In light of the shrinking market, it's surprising that the camera makers have not diversified into drones, external recorders and gimbals.


----------



## bbb34 (Nov 9, 2020)

What's the point of this 15 s video??


----------



## LSXPhotog (Nov 9, 2020)

This video is a complete waste of time and money they used to create it. Haha


----------



## Franklyok (Nov 9, 2020)

From sensors perspective Sony has great potential to do nice phones, to compete with Huawei. And still they underperform.


----------



## Aregal (Nov 9, 2020)

Atlasman said:


> In light of the shrinking market, it's surprising that the camera makers have not diversified into drones, external recorders and gimbals.


I think Canon did the opposite and shot for internal 10-bit 4:2:2 and internal RAW capabilities instead with the RF line, emphasizing a compact and weather resistant system.


----------



## marathonman (Nov 9, 2020)

Atlasman said:


> In light of the shrinking market, it's surprising that the camera makers have not diversified into drones, external recorders and gimbals.

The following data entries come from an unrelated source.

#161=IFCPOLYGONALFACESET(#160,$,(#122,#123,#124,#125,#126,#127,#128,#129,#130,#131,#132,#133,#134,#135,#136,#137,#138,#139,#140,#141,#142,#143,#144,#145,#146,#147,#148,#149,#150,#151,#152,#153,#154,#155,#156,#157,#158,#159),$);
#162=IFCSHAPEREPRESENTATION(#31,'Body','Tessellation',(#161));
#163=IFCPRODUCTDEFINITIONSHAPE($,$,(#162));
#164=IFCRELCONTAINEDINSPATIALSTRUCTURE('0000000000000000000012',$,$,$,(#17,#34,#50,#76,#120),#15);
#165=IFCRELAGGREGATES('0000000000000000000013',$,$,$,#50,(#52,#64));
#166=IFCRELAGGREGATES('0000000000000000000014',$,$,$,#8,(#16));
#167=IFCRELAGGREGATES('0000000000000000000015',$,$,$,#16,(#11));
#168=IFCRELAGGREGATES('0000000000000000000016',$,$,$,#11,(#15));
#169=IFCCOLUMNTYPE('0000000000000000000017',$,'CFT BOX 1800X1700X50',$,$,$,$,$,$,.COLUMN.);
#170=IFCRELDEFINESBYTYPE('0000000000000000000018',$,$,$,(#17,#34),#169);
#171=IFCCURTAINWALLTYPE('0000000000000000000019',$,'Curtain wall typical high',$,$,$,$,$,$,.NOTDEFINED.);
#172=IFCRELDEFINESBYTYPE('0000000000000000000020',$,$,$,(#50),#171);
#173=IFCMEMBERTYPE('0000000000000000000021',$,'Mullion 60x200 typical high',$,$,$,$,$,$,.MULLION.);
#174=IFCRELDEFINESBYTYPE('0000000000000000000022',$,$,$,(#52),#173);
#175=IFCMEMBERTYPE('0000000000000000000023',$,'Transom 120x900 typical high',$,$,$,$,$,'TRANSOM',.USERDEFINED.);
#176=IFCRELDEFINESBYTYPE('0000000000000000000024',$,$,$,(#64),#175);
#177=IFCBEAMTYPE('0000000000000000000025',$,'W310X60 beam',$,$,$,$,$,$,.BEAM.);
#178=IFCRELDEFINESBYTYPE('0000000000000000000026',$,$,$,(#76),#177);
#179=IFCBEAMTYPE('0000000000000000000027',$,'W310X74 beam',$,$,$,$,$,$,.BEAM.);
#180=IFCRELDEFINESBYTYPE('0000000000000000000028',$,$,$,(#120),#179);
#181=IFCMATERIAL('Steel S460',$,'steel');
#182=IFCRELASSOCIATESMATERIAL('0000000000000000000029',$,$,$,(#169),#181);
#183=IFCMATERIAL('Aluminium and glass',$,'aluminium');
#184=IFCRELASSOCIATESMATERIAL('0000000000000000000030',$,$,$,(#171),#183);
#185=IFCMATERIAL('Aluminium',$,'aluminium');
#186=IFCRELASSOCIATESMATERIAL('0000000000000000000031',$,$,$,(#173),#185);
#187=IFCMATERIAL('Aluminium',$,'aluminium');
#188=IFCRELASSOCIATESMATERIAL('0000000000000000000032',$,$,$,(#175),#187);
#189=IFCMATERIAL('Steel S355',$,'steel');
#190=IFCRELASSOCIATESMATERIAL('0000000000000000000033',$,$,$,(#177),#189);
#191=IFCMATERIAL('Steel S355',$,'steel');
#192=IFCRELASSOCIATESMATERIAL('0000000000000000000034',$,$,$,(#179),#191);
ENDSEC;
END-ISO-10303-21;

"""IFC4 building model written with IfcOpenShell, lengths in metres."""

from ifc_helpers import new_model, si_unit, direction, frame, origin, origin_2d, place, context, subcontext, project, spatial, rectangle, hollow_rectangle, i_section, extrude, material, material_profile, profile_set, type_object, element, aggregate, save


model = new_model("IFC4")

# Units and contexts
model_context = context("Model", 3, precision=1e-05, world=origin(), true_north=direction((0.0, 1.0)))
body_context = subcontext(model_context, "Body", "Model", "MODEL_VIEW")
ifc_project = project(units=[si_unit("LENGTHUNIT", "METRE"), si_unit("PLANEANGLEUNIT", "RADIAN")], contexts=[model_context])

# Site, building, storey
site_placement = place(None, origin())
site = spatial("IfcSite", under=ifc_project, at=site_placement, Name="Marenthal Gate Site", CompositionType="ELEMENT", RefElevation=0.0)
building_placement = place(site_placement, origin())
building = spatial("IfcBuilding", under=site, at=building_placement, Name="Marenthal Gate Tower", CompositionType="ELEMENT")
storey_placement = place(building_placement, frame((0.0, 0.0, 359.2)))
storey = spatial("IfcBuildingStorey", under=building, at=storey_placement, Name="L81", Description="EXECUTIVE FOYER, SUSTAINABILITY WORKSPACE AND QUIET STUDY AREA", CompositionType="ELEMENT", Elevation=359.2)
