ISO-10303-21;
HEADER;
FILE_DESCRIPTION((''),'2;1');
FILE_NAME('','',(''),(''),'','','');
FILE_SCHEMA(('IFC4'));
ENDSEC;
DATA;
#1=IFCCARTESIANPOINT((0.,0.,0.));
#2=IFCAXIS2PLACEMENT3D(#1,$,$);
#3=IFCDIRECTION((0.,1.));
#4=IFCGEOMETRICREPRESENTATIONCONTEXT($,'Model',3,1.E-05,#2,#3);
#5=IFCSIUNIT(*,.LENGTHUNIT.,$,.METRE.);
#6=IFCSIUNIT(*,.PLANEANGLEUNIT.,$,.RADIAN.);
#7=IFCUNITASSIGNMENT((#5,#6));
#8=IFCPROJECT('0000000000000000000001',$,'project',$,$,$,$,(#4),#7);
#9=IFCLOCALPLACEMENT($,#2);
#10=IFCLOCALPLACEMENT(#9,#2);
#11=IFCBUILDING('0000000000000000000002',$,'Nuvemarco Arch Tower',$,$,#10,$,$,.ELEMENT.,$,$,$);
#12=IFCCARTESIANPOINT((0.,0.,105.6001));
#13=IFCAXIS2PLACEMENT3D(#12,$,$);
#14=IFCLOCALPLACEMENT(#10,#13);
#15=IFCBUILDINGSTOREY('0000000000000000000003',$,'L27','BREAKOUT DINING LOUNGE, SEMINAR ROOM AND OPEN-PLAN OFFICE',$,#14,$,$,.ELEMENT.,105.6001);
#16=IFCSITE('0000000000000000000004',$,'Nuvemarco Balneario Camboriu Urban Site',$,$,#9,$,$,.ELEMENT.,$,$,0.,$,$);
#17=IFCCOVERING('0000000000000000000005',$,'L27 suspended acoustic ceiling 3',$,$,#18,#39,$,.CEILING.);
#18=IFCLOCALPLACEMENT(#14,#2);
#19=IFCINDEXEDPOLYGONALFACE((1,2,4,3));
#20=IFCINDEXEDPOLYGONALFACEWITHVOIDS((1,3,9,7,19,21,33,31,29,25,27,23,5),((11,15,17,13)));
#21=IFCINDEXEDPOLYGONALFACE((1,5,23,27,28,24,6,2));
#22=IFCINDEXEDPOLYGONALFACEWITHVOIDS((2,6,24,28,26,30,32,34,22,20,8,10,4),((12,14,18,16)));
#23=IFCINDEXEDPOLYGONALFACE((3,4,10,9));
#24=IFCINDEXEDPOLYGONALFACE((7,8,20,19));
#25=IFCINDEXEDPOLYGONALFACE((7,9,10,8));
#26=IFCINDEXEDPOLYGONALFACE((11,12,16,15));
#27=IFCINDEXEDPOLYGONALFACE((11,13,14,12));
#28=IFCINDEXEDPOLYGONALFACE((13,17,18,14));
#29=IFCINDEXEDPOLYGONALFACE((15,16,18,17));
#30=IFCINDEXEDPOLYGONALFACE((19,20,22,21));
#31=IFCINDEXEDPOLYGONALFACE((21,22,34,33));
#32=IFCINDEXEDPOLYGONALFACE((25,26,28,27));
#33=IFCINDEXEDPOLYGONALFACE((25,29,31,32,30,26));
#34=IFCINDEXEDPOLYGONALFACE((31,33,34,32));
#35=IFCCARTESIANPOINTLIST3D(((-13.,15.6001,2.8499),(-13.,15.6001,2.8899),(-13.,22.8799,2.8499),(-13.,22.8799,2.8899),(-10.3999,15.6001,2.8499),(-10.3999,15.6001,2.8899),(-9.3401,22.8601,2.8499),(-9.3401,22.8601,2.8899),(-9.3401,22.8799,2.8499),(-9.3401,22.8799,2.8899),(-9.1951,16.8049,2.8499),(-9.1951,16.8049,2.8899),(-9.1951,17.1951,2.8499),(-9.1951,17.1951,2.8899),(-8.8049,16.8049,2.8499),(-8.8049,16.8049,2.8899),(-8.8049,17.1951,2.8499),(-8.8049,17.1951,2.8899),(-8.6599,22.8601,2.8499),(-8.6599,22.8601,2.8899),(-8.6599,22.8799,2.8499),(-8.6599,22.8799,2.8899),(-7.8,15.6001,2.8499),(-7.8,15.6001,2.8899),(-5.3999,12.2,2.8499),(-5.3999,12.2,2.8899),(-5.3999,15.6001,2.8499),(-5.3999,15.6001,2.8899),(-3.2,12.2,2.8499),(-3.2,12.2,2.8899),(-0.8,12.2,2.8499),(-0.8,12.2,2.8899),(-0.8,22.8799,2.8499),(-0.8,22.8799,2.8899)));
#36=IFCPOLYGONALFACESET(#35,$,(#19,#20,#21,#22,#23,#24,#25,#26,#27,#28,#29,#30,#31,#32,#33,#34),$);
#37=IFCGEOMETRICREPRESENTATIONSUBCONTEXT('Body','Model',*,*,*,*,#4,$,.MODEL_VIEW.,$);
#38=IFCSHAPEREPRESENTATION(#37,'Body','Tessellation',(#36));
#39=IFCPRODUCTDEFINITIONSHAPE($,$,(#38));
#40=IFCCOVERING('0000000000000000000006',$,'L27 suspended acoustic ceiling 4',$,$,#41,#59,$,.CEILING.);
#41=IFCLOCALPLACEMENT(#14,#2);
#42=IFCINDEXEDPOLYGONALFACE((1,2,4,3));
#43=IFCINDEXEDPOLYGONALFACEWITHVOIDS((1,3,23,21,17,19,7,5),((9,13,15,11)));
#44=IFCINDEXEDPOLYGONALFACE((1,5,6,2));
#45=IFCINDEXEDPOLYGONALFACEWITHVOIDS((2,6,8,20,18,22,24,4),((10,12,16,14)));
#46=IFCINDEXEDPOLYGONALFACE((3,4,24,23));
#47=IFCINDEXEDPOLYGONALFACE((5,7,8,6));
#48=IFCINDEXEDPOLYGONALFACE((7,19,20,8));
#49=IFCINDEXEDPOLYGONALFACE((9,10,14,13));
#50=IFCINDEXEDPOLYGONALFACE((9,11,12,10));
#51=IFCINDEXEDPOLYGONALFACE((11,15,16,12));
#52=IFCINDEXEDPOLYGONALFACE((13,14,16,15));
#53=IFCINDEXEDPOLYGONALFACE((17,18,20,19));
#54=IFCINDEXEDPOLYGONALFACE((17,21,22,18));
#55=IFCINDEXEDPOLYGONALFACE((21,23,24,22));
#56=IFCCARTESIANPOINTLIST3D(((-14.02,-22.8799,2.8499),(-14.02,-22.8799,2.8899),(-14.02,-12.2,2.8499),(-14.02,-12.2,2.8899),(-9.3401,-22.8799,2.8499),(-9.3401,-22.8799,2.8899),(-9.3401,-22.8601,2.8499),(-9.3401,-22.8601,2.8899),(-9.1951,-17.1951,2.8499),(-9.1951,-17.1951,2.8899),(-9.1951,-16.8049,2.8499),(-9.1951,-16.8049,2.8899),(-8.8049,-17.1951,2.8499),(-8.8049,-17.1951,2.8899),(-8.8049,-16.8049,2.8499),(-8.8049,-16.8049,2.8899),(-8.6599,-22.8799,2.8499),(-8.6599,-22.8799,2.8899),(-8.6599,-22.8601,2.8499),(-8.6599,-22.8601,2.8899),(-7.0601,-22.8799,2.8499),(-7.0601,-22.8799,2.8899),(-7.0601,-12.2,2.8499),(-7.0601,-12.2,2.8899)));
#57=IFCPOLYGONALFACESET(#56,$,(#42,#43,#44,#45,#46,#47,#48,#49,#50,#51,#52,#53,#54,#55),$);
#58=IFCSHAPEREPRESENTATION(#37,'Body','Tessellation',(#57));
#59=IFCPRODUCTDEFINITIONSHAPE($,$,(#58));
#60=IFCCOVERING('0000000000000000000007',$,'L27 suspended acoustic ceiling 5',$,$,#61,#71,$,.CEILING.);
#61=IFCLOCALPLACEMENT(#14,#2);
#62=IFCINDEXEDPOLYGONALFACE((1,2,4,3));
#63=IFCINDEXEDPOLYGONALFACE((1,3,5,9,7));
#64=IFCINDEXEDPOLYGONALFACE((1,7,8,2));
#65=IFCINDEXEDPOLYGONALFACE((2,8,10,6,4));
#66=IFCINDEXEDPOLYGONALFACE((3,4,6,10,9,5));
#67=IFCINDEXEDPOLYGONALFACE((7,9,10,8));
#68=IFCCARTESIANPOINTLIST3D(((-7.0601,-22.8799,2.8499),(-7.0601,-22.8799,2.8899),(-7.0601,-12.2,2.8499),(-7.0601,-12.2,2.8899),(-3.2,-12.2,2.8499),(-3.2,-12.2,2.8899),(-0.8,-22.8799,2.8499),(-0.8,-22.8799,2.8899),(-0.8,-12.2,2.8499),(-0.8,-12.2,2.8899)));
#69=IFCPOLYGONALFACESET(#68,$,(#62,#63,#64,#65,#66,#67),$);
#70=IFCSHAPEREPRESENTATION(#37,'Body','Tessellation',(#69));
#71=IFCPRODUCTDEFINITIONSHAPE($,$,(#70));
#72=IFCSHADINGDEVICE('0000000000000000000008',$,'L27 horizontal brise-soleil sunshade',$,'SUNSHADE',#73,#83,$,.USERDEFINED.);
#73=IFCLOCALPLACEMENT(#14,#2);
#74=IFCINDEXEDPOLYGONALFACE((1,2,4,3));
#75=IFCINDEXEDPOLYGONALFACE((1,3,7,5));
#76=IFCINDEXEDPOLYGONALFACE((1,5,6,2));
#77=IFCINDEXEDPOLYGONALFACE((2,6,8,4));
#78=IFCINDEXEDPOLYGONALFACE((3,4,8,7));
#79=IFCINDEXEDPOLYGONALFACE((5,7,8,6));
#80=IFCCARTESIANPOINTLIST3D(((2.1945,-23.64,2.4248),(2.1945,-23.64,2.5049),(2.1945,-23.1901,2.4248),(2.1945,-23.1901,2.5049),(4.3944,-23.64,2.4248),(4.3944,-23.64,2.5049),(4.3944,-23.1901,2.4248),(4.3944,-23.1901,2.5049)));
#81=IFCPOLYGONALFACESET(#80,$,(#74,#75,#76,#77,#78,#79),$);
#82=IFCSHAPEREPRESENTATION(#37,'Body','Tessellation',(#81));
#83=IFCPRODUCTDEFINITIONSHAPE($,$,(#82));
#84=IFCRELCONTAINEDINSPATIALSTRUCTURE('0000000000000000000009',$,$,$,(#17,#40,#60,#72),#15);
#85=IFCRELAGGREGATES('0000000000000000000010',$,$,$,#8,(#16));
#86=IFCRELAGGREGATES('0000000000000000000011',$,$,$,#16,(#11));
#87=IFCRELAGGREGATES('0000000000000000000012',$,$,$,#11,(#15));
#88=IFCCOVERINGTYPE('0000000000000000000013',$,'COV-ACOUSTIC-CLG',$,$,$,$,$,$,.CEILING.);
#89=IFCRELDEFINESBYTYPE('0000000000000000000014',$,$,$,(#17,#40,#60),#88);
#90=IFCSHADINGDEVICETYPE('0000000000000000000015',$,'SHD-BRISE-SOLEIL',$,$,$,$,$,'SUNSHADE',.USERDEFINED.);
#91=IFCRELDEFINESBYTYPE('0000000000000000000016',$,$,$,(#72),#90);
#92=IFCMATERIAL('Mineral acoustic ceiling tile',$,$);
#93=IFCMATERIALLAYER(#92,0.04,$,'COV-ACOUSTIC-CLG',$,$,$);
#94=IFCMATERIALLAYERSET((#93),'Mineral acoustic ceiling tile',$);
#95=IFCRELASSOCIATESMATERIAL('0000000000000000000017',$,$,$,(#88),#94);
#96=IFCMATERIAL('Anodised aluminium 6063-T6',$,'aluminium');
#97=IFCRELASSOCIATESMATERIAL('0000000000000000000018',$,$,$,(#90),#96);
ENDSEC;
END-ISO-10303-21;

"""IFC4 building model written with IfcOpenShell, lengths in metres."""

from ifc_helpers import new_model, si_unit, direction, frame, origin, origin_2d, place, context, subcontext, project, spatial, polyline, rectangle, outline, extrude, source, transform, mapped, material, layer, layer_set, type_object, type_shapes, element, save


model = new_model("IFC4")

# Units and contexts
model_context = context("Model", 3, precision=1e-05, world=origin(), true_north=direction((0.0, 1.0)))
body_context = subcontext(model_context, "Body", "Model", "MODEL_VIEW")
ifc_project = project(units=[si_unit("LENGTHUNIT", "METRE"), si_unit("PLANEANGLEUNIT", "RADIAN")], contexts=[model_context])

# Site, building, storey
site_placement = place(None, origin())
site = spatial("IfcSite", under=ifc_project, at=site_placement, Name="Nuvemarco Balneario Camboriu Urban Site", CompositionType="ELEMENT", RefElevation=0.0)
building_placement = place(site_placement, origin())
building = spatial("IfcBuilding", under=site, at=building_placement, Name="Nuvemarco Arch Tower", CompositionType="ELEMENT")
storey_placement = place(building_placement, frame((0.0, 0.0, 105.6001)))
storey = spatial("IfcBuildingStorey", under=building, at=storey_placement, Name="L27", Description="BREAKOUT DINING LOUNGE, SEMINAR ROOM AND OPEN-PLAN OFFICE", CompositionType="ELEMENT", Elevation=105.6001)

# Coverings
ifc_material_1 = material(Name="Mineral acoustic ceiling tile")
ifc_layer_1 = layer(ifc_material_1, 0.04, Name="COV-ACOUSTIC-CLG")
ifc_layer_set_1 = layer_set([ifc_layer_1], Name="Mineral acoustic ceiling tile")
covering_type = type_object("IfcCoveringType", Name="COV-ACOUSTIC-CLG", PredefinedType="CEILING", material=ifc_layer_set_1)
covering_1_placement = place(storey_placement, frame((0.0, 0.0, 2.8499)))
element("IfcCovering", 1, at=covering_1_placement, inside=storey, type_object=covering_type, Name="L27 suspended acoustic ceiling 3", PredefinedType="CEILING", context=body_context, shape_type="SweptSolid", body=[
    extrude(outline(polyline([(-10.3999, 15.6001), (-13.0, 15.6001), (-13.0, 22.8799), (-9.3401, 22.8799), (-9.3401, 22.8601), (-8.6599, 22.8601), (-8.6599, 22.8799), (-0.8, 22.8799), (-0.8, 12.2), (-3.2, 12.2), (-5.3999, 12.2), (-5.3999, 15.6001), (-7.8, 15.6001), (-10.3999, 15.6001)]), holes=[polyline([(-8.8049, 16.8049), (-8.8049, 17.1951), (-9.1951, 17.1951), (-9.1951, 16.8049), (-8.8049, 16.8049)])]), origin(), (0.0, 0.0, 1.0), 0.04),
])
covering_2_placement = place(storey_placement, frame((0.0, 0.0, 2.8499)))
element("IfcCovering", 2, at=covering_2_placement, inside=storey, type_object=covering_type, Name="L27 suspended acoustic ceiling 4", PredefinedType="CEILING", context=body_context, shape_type="SweptSolid", body=[
    extrude(outline(polyline([(-8.6599, -22.8799), (-8.6599, -22.8601), (-9.3401, -22.8601), (-9.3401, -22.8799), (-14.02, -22.8799), (-14.02, -12.2), (-7.0601, -12.2), (-7.0601, -22.8799), (-8.6599, -22.8799)]), holes=[polyline([(-8.8049, -17.1951), (-8.8049, -16.8049), (-9.1951, -16.8049), (-9.1951, -17.1951), (-8.8049, -17.1951)])]), origin(), (0.0, 0.0, 1.0), 0.04),
])
covering_3_placement = place(storey_placement, frame((0.0, 0.0, 2.8499)))
element("IfcCovering", 3, at=covering_3_placement, inside=storey, type_object=covering_type, Name="L27 suspended acoustic ceiling 5", PredefinedType="CEILING", context=body_context, shape_type="SweptSolid", body=[
    extrude(outline(polyline([(-0.8, -22.8799), (-7.0601, -22.8799), (-7.0601, -12.2), (-3.2, -12.2), (-0.8, -12.2), (-0.8, -22.8799)])), origin(), (0.0, 0.0, 1.0), 0.04),
])

# Shading device
ifc_material_2 = material(Name="Anodised aluminium 6063-T6", Category="aluminium")
shading_device_type = type_object("IfcShadingDeviceType", Name="SHD-BRISE-SOLEIL", ElementType="SUNSHADE", PredefinedType="USERDEFINED", material=ifc_material_2)
shared_shape_1 = source(origin(), body_context, "Body", "SweptSolid", [
    extrude(rectangle(XDim=2.2, YDim=0.45, at=origin_2d()), origin(), (0.0, 0.0, 1.0), 0.0801),
])
type_shapes(shading_device_type, [shared_shape_1])
shading_device_placement = place(storey_placement, frame((3.2944, -23.415, 2.4248), z_axis=(0.0, 0.0, 1.0), x_axis=(1.0, 0.0, 0.0)))
element("IfcShadingDevice", 4, at=shading_device_placement, inside=storey, type_object=shading_device_type, Name="L27 horizontal brise-soleil sunshade", ObjectType="SUNSHADE", PredefinedType="USERDEFINED", context=body_context, shape_type="MappedRepresentation", body=[
    mapped(shared_shape_1, transform((0.0, 0.0, 0.0), scale=1.0)),
])

save(model, "model.ifc")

Diversifying in to drones didn't go so well for Go Pro at the time....


----------



## chrisgibbs (Nov 9, 2020)

LSXPhotog said:


> This video is a complete waste of time and money they used to create it. Haha



It's the new "nipple-slip" mass marketing model.


----------



## Atlasman (Nov 9, 2020)

marathonman said:


> Diversifying in to drones didn't go so well for Go Pro at the time....


It doesn't mean it won't go well for others.


----------



## usern4cr (Nov 10, 2020)

There's a massive market for people to buy drones, so it's no surprise to see Sony get into it. I am surprised that Canon hasn't gotten into it yet. I'd like to see some serious competition to DJI.


----------



## motofotog (Nov 10, 2020)

I think it’s a good move, more the competition better products for consumers.


----------



## masterpix (Nov 10, 2020)

Canon Rumors Guy said:


> Continue reading...


There is not much information in the refered links, beside the fact that the pages keeps returnign you in a cirlce betwene them. Which is, in many cases an important feature of a drone to be able to retunr back "home" when the battery is about to run out.


----------



## woodman411 (Nov 10, 2020)

Atlasman said:


> In light of the shrinking market, it's surprising that the camera makers have not diversified into drones, external recorders and gimbals.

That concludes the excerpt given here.